Ein letzter Blick auf den Brunnen. Der Besucher in Maulbronn wendet sich langsam um. Nur wenige Minuten später ist er wieder in der Gegenwart angekommen. Hesse dichtet im Rückblick:
Die Seele, die nach Ewigkeit begehrte,
Trägt nun Vergänglichkeit als liebe Last
Und ist auf der erspürten Jugendfährte
Noch einmal still und ohne Groll zu Gast.
Nun singet, Wasser, tief in eurer Schale.
Mir ward das Leben längst ein flüchtig Kleid.
Nun tummle, Jugend, dich in meinem Tale
und labe Dich am Traum der Ewigkeit!
Der Ort der Jugend war der Ort, der die Ewigkeit verhieß. Der Kreuzgang hatte den Kreislauf dieses Lebens bedeutet. Die Ewigkeit war ein Traum. Zu viel an gelebtem Leben ist über diesen Traum hinweggegangen. Und doch meldet sich die Sehnsucht wieder. Die Verheißung des Anfangs hat ihre Kraft nicht verloren. Der Besucher kann sie bei der Rückkehr zum Brunnen wieder spüren. Über seinem Leben liegt die Verheißung und liegt ein Versprechen.
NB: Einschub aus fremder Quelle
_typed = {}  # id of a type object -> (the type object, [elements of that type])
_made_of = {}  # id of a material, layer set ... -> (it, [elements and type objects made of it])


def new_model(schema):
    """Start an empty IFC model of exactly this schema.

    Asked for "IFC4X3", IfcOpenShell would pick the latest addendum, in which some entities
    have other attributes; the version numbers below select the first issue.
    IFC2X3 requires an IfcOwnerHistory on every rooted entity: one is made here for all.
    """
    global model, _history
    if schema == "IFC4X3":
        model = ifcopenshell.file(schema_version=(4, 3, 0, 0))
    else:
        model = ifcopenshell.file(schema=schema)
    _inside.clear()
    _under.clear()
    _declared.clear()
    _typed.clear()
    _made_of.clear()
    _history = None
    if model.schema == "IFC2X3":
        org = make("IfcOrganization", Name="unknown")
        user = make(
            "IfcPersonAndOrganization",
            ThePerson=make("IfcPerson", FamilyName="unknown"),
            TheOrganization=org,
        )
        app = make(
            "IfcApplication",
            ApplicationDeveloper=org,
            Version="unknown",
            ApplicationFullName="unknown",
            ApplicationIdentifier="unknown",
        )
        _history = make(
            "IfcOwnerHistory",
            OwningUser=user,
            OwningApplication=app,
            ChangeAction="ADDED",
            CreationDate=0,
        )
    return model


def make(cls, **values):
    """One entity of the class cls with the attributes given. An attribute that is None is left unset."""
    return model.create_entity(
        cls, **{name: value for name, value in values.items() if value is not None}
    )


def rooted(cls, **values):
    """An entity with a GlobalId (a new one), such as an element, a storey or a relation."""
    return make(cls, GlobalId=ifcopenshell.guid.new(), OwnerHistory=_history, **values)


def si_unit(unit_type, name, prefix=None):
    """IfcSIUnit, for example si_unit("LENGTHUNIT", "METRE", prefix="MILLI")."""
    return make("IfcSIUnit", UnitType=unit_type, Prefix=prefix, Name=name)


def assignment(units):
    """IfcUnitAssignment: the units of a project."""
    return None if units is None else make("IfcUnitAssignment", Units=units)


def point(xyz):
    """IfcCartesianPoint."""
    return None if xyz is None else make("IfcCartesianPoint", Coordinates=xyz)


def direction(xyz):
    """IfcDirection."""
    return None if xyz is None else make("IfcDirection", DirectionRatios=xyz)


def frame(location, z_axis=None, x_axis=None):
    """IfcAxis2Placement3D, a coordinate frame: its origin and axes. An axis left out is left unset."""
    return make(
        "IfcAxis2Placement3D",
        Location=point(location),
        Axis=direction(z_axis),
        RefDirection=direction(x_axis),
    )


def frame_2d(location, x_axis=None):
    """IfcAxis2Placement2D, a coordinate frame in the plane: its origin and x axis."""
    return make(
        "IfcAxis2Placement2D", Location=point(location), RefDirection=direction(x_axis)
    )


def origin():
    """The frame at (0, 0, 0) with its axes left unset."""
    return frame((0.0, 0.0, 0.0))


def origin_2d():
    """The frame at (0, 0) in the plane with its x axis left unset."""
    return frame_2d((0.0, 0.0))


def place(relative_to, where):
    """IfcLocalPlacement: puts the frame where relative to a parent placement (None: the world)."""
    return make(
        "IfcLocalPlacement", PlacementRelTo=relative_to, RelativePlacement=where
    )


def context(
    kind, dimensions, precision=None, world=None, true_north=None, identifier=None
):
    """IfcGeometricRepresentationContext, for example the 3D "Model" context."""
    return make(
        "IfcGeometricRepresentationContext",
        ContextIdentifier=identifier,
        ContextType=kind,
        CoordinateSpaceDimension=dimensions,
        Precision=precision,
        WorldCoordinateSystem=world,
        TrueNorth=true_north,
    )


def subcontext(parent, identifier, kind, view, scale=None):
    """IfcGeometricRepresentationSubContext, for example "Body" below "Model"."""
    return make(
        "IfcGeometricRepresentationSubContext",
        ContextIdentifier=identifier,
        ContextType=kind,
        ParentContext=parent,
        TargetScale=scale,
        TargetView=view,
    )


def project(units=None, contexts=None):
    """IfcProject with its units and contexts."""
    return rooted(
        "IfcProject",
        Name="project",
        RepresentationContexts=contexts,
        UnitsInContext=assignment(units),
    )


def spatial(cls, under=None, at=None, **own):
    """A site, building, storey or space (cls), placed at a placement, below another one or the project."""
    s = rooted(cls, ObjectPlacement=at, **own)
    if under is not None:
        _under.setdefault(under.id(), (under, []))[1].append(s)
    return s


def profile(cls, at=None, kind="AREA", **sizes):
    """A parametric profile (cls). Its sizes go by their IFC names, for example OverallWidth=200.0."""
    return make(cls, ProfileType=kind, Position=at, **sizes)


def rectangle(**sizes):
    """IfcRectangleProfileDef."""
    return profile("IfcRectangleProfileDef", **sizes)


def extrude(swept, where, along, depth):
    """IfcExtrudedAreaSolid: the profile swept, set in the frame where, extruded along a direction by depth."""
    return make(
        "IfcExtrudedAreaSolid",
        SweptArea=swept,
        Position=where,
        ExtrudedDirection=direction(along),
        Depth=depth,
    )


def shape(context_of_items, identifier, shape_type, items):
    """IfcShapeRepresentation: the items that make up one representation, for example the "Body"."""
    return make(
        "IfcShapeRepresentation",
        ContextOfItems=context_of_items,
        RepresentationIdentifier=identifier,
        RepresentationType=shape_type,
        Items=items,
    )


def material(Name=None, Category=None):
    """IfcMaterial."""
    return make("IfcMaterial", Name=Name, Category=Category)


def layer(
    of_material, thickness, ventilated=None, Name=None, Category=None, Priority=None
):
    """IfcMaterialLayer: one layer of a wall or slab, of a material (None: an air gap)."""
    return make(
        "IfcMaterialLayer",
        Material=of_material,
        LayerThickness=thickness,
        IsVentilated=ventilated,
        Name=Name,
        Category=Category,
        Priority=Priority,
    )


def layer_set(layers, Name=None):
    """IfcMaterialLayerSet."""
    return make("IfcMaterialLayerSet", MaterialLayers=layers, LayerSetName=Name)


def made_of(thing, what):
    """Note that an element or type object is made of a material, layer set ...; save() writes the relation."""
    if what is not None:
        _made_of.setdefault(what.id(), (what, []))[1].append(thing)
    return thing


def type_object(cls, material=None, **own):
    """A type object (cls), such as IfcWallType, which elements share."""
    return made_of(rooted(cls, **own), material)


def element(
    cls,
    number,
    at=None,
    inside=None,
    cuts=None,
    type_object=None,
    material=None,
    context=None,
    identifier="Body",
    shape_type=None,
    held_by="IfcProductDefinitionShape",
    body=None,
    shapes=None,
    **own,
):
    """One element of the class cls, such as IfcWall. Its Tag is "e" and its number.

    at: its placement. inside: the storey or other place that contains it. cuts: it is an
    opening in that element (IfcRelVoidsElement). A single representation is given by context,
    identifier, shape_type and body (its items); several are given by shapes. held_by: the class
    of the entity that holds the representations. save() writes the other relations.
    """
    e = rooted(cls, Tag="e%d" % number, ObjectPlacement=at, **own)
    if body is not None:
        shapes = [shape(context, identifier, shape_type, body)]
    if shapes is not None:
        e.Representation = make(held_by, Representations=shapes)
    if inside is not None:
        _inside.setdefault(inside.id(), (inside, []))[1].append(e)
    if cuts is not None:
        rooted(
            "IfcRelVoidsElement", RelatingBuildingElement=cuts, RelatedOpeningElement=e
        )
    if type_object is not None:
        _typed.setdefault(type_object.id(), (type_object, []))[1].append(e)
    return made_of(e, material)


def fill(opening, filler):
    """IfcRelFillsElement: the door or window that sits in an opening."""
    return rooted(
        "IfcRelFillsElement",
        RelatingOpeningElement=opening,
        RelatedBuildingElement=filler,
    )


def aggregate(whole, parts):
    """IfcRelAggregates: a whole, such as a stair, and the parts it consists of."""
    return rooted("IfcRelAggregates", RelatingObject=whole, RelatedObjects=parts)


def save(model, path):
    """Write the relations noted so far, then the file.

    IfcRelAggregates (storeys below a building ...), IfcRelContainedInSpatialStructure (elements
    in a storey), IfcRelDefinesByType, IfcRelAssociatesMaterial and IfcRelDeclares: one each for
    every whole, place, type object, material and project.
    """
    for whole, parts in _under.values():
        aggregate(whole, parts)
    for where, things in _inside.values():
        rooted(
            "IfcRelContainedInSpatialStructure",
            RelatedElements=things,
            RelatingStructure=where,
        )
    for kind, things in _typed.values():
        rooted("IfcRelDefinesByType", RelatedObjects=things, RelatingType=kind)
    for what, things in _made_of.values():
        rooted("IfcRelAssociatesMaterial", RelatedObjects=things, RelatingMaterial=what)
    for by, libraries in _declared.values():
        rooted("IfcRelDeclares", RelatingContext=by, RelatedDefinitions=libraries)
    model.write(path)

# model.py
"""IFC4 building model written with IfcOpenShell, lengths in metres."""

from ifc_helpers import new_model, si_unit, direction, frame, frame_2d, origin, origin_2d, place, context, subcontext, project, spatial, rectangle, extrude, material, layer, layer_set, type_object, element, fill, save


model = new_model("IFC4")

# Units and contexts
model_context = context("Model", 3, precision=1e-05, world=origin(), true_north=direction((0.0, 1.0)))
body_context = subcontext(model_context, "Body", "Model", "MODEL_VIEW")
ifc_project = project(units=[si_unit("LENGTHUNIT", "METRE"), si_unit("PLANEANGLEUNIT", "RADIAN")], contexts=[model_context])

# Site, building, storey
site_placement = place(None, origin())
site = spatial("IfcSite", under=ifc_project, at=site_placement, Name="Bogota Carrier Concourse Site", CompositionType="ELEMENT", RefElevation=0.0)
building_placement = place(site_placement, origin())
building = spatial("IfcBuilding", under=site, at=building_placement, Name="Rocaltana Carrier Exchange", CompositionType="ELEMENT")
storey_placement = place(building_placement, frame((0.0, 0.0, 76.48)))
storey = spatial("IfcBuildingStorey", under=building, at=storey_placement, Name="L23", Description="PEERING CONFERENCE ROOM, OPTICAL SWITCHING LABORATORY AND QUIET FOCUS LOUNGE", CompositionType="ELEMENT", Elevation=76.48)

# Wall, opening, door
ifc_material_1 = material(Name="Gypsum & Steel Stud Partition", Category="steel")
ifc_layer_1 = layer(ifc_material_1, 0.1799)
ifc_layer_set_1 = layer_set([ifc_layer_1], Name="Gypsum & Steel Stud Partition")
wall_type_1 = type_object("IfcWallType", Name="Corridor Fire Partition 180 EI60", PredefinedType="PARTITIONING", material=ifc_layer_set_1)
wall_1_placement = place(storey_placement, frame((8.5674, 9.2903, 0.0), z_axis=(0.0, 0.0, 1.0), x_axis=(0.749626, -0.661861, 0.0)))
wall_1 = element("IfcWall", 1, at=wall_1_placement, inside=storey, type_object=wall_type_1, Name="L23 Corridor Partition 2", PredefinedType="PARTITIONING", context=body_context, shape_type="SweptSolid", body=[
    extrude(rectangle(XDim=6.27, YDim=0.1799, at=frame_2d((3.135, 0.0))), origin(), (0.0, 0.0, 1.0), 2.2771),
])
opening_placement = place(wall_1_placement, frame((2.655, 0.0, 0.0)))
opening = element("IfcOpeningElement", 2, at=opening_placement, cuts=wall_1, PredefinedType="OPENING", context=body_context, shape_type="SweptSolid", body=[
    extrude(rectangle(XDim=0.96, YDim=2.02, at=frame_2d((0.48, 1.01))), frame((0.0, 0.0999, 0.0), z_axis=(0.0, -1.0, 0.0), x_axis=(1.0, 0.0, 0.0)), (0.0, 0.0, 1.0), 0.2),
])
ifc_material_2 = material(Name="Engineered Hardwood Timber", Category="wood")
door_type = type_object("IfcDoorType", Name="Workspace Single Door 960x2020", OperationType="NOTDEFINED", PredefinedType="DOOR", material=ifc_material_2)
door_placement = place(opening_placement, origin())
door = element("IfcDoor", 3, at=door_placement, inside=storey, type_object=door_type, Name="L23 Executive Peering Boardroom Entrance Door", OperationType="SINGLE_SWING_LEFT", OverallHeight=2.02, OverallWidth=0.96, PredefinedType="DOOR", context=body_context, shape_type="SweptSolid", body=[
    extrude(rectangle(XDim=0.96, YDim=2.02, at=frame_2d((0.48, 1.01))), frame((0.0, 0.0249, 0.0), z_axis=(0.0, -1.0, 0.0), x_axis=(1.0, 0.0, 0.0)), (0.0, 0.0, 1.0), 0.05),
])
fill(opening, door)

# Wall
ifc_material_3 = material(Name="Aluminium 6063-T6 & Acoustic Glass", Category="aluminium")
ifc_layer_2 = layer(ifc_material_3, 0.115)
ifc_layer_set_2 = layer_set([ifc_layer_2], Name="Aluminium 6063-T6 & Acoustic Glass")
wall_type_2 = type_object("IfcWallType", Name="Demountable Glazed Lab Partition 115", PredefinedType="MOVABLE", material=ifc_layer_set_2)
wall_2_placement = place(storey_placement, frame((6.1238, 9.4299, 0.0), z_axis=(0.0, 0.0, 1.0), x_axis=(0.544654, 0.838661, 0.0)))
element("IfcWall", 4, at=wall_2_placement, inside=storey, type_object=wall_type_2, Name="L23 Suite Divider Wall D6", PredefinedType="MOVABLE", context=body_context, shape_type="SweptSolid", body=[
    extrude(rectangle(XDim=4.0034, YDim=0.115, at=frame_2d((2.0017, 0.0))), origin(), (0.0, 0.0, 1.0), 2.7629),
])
Aus Galiläa nehmen die Jünger dieses Versprechen damals mit. „Wir werden mit dir gehen“. Und in diesem Versprechen liegt eine Verheißung. Der Ursprung der Wanderschaft trägt in sich eine bleibende Geltung, eine Ewigkeit aus Treue, die im Bund zwischen Gott und Mensch beschlossen liegt. Der See wird zum Erinnerungsort an das Versprechen. So wie es ein „damals“ gibt, wird es immer wieder ein „morgen“ geben. Die Sehnsucht kehrt mit dem Wind über den Wellen zu uns zurück.